Movable antennas (MAs) have attracted growing interest for their ability to improve channel conditions via adaptive antenna movement. Nevertheless, such movement inevitably introduces mutual coupling (MC), whose impact has been largely overlooked in existing MA literature. In this paper, we show that MC is not merely an unavoidable electromagnetic effect, but also a new source of capacity gains in MA-enabled multiple-input multiple-output (MIMO) systems. To leverage MC effects, we develop an optimization framework for both narrowband and wideband systems based on a rigorous circuit-theoretic model. For narrowband systems, capacity maximization is formulated as a non-convex optimization problem, which is solved via a block coordinate ascent (BCA) framework.

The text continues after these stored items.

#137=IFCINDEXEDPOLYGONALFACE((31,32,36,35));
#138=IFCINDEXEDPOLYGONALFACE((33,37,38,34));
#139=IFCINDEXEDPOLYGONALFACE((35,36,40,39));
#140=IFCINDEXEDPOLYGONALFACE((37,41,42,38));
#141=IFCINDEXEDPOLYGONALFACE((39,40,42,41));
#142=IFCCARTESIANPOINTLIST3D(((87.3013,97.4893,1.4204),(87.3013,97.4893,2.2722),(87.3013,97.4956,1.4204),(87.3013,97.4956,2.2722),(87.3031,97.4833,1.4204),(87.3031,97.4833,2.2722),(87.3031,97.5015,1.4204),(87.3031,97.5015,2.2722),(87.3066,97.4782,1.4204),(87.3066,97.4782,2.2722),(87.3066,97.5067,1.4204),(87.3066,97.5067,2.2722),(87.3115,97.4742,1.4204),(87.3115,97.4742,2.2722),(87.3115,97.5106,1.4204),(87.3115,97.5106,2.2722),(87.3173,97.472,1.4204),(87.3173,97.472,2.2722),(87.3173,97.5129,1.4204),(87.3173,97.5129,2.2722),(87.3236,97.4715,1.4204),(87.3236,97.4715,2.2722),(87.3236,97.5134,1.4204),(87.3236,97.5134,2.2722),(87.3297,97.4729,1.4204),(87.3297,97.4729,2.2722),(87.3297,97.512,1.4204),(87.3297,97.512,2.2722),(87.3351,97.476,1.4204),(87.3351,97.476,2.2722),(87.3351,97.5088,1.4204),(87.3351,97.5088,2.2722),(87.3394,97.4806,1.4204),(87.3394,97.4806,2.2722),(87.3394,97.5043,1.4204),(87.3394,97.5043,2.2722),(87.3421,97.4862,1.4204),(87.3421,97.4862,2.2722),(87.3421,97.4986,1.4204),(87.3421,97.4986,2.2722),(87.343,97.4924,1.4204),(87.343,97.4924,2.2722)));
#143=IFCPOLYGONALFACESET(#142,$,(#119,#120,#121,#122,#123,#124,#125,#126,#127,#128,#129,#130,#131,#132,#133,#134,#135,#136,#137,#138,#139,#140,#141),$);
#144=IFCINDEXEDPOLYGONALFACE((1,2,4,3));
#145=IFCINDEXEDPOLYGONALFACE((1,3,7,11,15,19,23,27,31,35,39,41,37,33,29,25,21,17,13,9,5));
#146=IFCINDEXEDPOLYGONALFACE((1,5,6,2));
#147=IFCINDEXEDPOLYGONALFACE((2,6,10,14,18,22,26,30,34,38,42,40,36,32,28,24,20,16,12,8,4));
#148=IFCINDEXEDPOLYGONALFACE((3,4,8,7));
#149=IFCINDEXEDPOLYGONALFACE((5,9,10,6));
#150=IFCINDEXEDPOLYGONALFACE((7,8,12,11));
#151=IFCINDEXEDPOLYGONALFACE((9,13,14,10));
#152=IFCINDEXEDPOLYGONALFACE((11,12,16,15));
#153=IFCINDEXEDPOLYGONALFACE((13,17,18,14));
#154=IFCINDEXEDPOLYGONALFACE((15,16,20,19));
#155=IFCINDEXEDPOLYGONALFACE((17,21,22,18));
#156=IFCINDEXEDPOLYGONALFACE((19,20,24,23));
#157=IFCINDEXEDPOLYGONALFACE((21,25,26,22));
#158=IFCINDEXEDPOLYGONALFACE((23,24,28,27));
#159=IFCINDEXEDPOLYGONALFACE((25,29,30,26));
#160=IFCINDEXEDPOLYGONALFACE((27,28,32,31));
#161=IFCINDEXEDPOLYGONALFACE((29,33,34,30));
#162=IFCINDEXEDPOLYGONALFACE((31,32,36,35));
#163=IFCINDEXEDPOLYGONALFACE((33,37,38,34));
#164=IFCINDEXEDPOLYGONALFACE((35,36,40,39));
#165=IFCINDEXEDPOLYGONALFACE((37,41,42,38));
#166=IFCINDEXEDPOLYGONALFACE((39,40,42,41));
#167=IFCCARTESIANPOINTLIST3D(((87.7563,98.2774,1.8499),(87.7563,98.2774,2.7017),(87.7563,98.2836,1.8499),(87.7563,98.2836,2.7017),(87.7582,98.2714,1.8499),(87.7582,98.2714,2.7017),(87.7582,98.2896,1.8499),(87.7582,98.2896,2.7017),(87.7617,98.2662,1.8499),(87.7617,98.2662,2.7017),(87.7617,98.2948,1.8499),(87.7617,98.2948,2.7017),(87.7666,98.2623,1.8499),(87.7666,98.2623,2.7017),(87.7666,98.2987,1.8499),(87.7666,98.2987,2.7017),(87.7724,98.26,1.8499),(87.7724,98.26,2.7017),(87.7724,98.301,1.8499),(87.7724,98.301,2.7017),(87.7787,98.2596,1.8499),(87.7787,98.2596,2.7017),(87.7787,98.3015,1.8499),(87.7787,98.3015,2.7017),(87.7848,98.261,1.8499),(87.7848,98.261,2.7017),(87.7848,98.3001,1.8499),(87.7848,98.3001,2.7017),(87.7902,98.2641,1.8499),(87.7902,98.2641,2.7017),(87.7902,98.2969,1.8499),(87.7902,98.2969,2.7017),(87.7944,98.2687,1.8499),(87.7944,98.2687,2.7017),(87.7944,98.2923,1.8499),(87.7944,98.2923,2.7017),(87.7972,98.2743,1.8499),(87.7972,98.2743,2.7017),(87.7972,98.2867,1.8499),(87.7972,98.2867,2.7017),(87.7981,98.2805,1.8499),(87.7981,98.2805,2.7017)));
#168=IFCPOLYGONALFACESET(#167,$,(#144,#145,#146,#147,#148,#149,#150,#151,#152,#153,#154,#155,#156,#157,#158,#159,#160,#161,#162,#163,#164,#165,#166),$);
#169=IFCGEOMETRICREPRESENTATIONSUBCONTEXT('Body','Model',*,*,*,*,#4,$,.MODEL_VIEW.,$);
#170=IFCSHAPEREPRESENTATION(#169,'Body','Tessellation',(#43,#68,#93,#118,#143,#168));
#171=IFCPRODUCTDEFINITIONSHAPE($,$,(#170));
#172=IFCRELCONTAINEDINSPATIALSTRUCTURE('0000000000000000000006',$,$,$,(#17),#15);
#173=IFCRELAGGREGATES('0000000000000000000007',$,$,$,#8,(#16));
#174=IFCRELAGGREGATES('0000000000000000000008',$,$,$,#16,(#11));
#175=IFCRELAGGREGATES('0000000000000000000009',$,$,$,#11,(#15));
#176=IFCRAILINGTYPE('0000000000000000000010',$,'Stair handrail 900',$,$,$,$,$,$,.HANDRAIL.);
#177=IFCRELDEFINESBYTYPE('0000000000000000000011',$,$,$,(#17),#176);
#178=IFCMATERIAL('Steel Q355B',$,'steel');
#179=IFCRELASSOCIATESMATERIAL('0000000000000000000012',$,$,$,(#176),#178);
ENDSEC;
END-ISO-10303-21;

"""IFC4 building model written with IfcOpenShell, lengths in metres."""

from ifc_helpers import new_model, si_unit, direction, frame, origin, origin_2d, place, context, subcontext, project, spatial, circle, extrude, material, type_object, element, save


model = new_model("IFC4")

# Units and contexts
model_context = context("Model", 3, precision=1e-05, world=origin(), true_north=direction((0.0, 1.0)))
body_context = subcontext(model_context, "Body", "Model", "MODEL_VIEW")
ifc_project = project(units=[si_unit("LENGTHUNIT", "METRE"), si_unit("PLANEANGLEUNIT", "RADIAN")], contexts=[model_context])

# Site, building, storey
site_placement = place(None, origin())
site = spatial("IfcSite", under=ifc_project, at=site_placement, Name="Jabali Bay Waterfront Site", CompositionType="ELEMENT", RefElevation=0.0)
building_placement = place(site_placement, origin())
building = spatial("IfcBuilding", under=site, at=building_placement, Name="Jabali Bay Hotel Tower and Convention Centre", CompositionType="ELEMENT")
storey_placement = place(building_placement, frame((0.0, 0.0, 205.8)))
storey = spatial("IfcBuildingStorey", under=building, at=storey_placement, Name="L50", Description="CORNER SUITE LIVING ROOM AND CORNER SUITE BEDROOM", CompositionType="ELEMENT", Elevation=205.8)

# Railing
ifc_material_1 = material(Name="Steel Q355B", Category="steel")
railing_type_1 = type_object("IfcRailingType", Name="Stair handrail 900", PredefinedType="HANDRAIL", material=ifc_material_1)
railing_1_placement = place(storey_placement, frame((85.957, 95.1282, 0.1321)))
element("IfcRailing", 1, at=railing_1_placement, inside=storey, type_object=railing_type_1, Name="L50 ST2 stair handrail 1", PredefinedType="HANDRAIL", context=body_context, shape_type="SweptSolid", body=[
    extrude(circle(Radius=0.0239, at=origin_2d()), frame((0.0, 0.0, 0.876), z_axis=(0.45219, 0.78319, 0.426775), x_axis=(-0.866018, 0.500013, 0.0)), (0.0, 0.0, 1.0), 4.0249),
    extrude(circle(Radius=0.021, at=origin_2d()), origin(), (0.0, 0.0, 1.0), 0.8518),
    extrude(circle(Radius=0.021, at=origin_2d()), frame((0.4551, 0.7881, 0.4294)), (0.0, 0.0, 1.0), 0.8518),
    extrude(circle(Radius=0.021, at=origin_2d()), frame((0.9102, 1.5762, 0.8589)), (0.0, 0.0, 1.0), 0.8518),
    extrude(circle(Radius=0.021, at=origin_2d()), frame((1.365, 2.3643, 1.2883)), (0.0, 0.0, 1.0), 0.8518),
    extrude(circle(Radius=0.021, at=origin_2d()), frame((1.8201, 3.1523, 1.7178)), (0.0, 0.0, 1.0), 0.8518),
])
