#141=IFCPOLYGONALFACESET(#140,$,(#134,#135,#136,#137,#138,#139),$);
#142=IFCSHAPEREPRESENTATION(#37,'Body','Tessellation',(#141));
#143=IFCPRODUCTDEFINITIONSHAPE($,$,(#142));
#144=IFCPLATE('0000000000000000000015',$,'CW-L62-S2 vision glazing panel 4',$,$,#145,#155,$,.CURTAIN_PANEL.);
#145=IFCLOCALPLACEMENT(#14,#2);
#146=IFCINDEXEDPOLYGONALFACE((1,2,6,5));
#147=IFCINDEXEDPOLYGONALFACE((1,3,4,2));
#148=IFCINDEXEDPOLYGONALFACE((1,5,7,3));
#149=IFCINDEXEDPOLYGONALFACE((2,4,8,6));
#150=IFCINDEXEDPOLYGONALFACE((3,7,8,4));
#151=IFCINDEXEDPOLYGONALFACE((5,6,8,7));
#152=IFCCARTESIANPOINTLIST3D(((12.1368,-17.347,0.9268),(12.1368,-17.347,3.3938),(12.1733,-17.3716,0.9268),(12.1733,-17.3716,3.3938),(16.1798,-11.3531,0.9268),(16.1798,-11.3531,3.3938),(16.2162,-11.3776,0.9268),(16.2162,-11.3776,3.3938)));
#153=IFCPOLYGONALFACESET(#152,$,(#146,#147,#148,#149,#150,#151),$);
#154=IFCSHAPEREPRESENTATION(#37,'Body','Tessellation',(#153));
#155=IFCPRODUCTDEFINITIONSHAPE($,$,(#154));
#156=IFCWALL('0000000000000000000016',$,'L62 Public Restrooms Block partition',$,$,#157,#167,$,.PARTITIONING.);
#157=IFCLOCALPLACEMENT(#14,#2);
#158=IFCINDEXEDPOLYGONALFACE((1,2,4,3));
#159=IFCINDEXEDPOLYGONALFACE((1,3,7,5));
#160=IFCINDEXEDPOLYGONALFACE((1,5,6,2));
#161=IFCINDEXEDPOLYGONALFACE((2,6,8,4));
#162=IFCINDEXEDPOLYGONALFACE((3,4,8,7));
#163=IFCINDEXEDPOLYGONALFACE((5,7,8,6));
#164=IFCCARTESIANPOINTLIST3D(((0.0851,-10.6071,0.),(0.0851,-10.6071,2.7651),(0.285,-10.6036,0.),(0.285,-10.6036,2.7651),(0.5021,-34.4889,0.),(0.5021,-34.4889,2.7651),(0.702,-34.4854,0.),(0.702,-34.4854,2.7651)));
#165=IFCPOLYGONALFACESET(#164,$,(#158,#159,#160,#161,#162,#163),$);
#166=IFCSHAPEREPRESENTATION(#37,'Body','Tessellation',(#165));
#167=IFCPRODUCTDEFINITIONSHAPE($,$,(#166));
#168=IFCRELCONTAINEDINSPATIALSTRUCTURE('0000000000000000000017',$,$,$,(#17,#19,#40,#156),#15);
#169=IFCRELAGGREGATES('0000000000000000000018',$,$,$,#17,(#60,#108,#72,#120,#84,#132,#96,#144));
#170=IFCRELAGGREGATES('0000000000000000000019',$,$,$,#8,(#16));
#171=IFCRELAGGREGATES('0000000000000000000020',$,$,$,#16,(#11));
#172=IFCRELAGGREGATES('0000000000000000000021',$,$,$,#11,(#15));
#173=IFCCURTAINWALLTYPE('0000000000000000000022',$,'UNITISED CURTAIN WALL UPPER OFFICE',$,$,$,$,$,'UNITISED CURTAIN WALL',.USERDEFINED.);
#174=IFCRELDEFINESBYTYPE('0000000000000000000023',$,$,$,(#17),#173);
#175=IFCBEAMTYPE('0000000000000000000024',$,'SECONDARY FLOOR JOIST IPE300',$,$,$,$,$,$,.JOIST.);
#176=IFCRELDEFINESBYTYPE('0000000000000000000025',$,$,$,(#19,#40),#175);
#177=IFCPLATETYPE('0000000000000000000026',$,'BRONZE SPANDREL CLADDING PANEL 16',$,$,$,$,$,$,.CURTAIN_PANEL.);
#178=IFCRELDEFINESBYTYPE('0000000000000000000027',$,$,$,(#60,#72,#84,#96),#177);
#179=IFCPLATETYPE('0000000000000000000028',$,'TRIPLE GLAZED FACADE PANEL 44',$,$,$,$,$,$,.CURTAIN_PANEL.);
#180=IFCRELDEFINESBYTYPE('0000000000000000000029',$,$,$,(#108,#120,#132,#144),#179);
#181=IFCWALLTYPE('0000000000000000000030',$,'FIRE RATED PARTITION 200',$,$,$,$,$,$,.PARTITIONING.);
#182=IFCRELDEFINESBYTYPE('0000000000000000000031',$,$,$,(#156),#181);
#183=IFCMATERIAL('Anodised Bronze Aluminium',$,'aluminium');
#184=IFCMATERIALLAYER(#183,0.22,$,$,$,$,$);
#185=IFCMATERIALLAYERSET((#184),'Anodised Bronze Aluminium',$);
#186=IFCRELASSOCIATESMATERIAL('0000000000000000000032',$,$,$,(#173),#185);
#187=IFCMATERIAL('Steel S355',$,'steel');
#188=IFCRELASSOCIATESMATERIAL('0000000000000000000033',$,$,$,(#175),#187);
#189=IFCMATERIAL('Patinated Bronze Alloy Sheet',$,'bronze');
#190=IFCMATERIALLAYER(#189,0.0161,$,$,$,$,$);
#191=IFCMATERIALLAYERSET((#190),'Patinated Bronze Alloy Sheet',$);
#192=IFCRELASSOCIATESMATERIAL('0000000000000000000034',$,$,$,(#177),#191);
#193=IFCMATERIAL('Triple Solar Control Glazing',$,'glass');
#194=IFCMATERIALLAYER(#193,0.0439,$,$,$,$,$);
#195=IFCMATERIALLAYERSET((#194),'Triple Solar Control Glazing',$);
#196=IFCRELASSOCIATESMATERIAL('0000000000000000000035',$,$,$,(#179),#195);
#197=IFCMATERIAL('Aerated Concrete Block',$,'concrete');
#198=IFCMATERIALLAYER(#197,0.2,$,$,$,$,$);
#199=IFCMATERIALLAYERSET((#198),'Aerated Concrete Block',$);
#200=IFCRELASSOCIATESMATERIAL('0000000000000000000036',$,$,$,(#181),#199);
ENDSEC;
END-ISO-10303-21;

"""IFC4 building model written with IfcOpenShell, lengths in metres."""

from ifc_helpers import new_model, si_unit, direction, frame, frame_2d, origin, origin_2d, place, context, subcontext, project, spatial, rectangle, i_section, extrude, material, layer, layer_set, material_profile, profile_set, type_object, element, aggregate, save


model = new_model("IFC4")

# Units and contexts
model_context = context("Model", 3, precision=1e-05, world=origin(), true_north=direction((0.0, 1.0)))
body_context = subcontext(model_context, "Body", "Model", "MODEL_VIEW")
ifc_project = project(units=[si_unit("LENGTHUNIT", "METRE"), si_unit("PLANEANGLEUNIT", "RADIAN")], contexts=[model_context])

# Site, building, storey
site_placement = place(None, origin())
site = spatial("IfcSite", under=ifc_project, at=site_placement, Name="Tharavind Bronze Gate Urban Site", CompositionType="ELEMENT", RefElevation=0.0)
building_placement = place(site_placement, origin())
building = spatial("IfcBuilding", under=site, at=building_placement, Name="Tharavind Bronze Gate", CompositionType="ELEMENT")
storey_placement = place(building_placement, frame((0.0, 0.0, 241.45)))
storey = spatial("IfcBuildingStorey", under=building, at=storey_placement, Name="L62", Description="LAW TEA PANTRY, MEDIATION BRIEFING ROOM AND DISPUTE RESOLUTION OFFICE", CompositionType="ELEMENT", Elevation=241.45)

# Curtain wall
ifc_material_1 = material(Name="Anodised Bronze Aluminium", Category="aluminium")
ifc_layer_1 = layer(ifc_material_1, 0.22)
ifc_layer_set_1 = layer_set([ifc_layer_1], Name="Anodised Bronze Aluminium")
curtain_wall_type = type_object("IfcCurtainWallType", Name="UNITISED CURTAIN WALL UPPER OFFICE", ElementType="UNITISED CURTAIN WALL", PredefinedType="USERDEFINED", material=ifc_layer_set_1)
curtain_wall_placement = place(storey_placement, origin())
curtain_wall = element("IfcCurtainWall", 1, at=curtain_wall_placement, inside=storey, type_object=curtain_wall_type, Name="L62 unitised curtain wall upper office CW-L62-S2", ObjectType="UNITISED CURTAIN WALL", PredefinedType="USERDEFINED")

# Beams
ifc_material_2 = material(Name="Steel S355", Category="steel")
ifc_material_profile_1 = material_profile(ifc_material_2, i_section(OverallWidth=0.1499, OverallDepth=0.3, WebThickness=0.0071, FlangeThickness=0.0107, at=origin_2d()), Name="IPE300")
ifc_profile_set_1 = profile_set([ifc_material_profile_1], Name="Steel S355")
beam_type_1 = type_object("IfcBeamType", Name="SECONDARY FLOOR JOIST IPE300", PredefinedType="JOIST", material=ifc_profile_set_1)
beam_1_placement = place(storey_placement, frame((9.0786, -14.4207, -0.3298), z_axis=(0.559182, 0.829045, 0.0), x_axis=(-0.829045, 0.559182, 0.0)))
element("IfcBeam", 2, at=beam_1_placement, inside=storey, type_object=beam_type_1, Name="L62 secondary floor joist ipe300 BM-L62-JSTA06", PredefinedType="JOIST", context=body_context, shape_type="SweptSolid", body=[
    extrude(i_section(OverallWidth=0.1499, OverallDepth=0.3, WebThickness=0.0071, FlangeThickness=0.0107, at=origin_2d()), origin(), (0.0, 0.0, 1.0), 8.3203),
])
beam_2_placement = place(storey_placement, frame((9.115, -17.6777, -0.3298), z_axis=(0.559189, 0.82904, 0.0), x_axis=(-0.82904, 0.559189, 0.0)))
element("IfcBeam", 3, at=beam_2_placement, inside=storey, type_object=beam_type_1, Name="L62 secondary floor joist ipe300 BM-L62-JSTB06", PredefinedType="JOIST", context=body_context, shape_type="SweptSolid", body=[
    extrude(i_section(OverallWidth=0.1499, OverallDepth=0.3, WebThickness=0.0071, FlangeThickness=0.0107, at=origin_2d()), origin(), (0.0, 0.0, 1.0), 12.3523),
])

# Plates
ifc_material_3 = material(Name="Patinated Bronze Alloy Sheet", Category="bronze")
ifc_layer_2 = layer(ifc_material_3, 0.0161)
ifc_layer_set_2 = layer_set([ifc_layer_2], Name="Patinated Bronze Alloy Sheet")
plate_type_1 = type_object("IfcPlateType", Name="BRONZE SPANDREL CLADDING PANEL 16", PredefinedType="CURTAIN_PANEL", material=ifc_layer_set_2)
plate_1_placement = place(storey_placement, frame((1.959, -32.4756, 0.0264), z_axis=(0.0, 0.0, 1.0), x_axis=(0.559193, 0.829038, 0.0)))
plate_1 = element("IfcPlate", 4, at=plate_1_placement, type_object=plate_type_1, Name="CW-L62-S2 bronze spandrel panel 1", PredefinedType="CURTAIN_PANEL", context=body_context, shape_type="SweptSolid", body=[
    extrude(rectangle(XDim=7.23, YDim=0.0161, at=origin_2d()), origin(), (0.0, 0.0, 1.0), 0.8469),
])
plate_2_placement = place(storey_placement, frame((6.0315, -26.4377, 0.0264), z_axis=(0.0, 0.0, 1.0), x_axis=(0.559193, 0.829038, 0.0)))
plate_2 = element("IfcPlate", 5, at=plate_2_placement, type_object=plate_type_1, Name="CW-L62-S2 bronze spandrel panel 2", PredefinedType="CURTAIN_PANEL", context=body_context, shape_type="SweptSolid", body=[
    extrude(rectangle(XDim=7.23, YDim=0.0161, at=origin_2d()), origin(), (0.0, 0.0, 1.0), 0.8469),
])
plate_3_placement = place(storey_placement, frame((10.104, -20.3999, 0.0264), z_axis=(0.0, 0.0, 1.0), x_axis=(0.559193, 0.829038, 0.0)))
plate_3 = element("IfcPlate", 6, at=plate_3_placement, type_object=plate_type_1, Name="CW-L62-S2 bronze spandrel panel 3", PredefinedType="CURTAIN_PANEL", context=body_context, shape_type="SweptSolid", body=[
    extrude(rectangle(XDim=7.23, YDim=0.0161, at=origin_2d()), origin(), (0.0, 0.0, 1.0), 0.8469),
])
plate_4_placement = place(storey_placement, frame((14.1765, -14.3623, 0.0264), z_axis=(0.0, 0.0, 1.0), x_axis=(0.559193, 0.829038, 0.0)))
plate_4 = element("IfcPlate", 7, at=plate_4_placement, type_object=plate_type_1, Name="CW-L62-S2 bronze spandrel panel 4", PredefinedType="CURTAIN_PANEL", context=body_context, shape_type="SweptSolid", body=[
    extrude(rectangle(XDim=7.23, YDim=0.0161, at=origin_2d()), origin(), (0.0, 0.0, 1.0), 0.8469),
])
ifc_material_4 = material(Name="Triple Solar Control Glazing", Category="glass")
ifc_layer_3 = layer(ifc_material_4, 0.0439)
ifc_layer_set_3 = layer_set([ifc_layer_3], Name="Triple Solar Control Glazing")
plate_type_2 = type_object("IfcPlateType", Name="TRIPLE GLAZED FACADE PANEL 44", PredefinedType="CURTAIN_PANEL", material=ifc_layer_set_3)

Because optimizing MA positions is challenging due to analytically intractable MC matrices, we develop a trust region method (TRM)-based algorithm that utilizes Sylvester equations to compute the derivatives of the inverse square roots of the MC matrices. We further consider wideband systems and formulate a sum-rate maximization problem. To find a unified set of MA positions that balances varying subcarrier conditions, the BCA framework and the TRM-based MA position optimization algorithm are extended to wideband systems. Simulation results demonstrate that exploiting MC effects in MA-MIMO systems yields significant performance gains in both narrowband and wideband systems under various channel conditions. These gains highlight the benefits of MC-induced superdirectivity and designable MC matrices.

翻译：可移动天线（MAs）因其通过自适应天线移动改善信道条件的能力而日益受到关注。然而，这种移动不可避免地引入了互耦（MC），而现有MA文献中对其影响的研究尚不充分。本文表明，MC不仅是不可避免的电磁效应，更是MA支持的MIMO（多输入多输出）系统中容量增益的新来源。为利用MC效应，我们基于严格的电路理论模型，为窄带和宽带系统开发了一个优化框架。对于窄带系统，容量最大化被建模为非凸优化问题，并通过块坐标上升（BCA）框架求解。由于MC矩阵在解析上难以处理，优化MA位置极具挑战性，我们开发了一种基于信赖域方法（TRM）的算法，该算法利用Sylvester方程计算MC矩阵逆平方根的导数。进一步地，我们考虑宽带系统并构建了和速率最大化问题。为找到平衡不同子载波条件的统一MA位置集，我们将BCA框架和基于TRM的MA位置优化算法扩展到宽带系统。仿真结果表明，在各种信道条件下，利用MA-MIMO系统中的MC效应在窄带和宽带系统中均能带来显著的性能增益。这些增益凸显了MC引发的超方向性和可设计MC矩阵的优越性。